A esa edad, la conducta del niño sufre un cambio cualitativo. Aunque los mayores siguen desempeñando el principal papel en su desarrollo, el niño, en la medida de sus posibilidades, trata de obrar sin ayuda de nadie. Se opera un brusco cambio de todo el contenido y carácter de la relación del niño con el mundo que lo rodea.

Eso deben tenerlo muy presente los maestros y padres para comprender sus obligaciones. De otro modo, dejarán escapar la oportunidad de inculcar al niño el deseo de obrar por su cuenta, de vencer las dificultades.

Lamentablemente algunos padres no piensan en la importancia que tiene para el pequeño ir acumulando hábitos prácticos; ignoran el que sus primeros intentos, sus esfuerzos de actuar por sí solo, cuenten con el máximo apoyo y estímulo.

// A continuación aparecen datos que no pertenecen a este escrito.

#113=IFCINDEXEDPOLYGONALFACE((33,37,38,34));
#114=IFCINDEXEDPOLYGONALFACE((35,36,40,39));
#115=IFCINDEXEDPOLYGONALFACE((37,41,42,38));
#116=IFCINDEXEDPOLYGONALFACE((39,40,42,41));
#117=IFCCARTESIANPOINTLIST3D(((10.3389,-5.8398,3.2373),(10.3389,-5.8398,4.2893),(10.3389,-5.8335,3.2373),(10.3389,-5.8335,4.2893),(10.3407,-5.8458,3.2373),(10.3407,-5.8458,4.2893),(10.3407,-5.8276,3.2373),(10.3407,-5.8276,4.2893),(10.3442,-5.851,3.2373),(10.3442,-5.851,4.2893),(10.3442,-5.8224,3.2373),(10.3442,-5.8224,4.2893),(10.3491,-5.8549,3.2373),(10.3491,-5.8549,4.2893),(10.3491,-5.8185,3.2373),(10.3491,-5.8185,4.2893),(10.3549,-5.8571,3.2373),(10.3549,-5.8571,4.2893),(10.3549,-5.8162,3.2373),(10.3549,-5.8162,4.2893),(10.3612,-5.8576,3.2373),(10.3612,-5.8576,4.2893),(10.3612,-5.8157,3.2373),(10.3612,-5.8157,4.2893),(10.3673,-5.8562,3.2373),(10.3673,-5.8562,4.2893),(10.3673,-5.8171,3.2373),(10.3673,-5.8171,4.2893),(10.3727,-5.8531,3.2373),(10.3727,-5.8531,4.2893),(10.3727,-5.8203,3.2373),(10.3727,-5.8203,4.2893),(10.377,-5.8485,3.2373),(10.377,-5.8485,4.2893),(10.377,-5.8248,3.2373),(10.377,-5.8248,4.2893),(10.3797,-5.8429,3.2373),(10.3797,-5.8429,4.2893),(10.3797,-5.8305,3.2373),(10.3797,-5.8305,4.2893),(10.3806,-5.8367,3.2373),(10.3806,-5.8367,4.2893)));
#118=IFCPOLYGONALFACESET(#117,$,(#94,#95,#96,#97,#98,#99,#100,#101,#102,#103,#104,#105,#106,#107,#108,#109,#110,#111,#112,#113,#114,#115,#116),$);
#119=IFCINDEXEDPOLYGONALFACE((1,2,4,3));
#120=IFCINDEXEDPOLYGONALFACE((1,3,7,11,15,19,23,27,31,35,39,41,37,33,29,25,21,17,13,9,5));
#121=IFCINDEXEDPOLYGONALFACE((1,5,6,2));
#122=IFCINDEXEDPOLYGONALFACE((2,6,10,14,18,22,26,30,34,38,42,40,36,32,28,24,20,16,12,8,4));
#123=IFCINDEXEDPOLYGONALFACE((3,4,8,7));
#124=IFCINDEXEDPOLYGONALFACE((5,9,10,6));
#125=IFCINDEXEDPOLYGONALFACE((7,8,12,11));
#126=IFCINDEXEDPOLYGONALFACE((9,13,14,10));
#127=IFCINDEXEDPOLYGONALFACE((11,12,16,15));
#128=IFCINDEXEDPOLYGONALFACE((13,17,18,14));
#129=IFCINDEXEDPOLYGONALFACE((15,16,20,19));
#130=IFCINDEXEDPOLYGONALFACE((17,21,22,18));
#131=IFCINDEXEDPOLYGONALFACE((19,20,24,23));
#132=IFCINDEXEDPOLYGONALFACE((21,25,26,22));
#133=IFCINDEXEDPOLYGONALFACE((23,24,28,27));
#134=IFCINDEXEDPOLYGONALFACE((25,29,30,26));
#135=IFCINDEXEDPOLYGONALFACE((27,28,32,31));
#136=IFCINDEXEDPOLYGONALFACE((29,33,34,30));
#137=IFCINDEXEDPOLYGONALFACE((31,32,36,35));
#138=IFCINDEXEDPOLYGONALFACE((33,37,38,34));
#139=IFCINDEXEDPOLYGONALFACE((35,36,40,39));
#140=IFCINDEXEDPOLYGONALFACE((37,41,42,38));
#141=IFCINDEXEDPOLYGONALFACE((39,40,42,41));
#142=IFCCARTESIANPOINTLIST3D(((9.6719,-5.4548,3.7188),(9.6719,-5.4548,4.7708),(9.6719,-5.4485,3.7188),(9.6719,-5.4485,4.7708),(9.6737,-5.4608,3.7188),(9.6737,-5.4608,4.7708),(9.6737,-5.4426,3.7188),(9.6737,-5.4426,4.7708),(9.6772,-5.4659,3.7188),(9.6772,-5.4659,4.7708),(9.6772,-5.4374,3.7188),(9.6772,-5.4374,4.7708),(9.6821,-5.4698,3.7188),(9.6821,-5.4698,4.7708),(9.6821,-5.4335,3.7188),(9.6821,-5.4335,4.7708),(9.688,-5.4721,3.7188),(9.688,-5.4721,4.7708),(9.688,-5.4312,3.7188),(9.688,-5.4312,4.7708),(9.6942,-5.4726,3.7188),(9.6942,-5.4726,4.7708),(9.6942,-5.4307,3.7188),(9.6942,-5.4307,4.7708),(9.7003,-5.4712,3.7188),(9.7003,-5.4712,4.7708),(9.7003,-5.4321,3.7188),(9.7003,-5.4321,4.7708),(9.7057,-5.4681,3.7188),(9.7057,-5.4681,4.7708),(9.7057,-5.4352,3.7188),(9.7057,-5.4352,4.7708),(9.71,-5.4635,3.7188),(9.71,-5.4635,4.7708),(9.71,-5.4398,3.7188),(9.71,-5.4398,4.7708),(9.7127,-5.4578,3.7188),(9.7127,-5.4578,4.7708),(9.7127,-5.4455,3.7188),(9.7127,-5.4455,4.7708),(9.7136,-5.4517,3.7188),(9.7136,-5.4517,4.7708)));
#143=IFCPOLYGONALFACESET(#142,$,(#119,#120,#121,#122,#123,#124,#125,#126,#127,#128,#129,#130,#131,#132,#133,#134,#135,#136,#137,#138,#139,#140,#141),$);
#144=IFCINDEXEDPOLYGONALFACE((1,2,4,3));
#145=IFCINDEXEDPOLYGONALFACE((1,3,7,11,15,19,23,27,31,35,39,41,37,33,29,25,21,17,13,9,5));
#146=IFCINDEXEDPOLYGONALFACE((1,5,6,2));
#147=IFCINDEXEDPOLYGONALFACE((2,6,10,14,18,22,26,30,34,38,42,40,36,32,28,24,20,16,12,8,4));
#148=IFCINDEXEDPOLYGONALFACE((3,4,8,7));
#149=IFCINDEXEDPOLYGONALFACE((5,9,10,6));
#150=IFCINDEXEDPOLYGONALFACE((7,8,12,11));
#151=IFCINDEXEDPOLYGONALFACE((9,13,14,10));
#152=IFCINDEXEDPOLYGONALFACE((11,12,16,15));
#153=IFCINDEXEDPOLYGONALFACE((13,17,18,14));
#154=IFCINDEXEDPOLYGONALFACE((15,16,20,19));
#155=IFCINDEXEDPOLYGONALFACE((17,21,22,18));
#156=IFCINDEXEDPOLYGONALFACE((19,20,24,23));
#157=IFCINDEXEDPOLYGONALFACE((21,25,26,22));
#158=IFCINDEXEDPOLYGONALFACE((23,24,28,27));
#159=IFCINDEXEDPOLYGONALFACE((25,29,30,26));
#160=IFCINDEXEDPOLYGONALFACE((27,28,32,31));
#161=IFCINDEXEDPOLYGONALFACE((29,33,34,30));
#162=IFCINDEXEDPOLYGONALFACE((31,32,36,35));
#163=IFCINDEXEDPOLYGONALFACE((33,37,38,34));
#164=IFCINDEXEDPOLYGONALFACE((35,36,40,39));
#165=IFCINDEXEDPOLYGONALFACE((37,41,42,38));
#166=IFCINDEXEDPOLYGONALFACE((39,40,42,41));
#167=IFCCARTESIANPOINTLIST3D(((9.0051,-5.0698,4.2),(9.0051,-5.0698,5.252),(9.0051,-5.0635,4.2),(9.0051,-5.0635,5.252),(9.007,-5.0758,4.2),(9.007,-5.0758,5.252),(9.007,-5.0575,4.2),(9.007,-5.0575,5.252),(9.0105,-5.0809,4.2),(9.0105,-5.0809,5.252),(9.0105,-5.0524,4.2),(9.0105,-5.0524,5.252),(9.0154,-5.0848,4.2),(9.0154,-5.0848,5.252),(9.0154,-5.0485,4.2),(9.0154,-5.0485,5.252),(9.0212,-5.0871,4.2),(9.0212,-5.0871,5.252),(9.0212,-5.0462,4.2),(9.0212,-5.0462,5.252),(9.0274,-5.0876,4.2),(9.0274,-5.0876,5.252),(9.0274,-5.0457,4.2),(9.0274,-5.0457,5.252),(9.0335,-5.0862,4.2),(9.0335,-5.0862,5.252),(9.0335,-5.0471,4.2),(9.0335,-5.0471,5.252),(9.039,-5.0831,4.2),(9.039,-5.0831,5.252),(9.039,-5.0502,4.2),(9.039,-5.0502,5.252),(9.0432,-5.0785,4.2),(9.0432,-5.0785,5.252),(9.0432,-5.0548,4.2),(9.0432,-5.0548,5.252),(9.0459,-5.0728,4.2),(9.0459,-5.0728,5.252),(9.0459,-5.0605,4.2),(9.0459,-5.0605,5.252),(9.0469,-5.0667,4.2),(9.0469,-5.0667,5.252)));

Suele ocurrir que una madre trata de librar a su hijito de dos años de un trabajo, que, a juicio de ella, es difícil para él, o simplemente no quiere esperar a que el niño cumpla su propósito.

El pequeño quiere tomar él mismo la cuchara, pero la madre le dice: “Vas a tirar el caldo, te vas a manchar”, y empieza ella misma a darle de comer. Desperdició así la ocasión de que el niño aprendiese él mismo a hacerlo.

El chico quiere bajar solo la escalera, pero ella lo toma en brazos, porque así es más rápido. La excesiva tutela estropea al niño. Se acostumbra a verse rodeado de los mimos y desvelos de sus padres, pierde la confianza en sus fuerzas, empieza a pedir ayuda cuando podía pasar sin ella.

El niño se vuelve indolente, pasivo, no se aparta de la madre, se pone caprichoso si ella le dedica poca atención. Ese niño no sabe hacer ninguna de las cosas accesibles para su edad, ni siquiera entretenerse solo; siempre espera que alguien juegue con él y lo divierta.

En la familia se incurre también a veces en otro error de educación en sentido contrario: se concede a los pequeños ilimitada libertad.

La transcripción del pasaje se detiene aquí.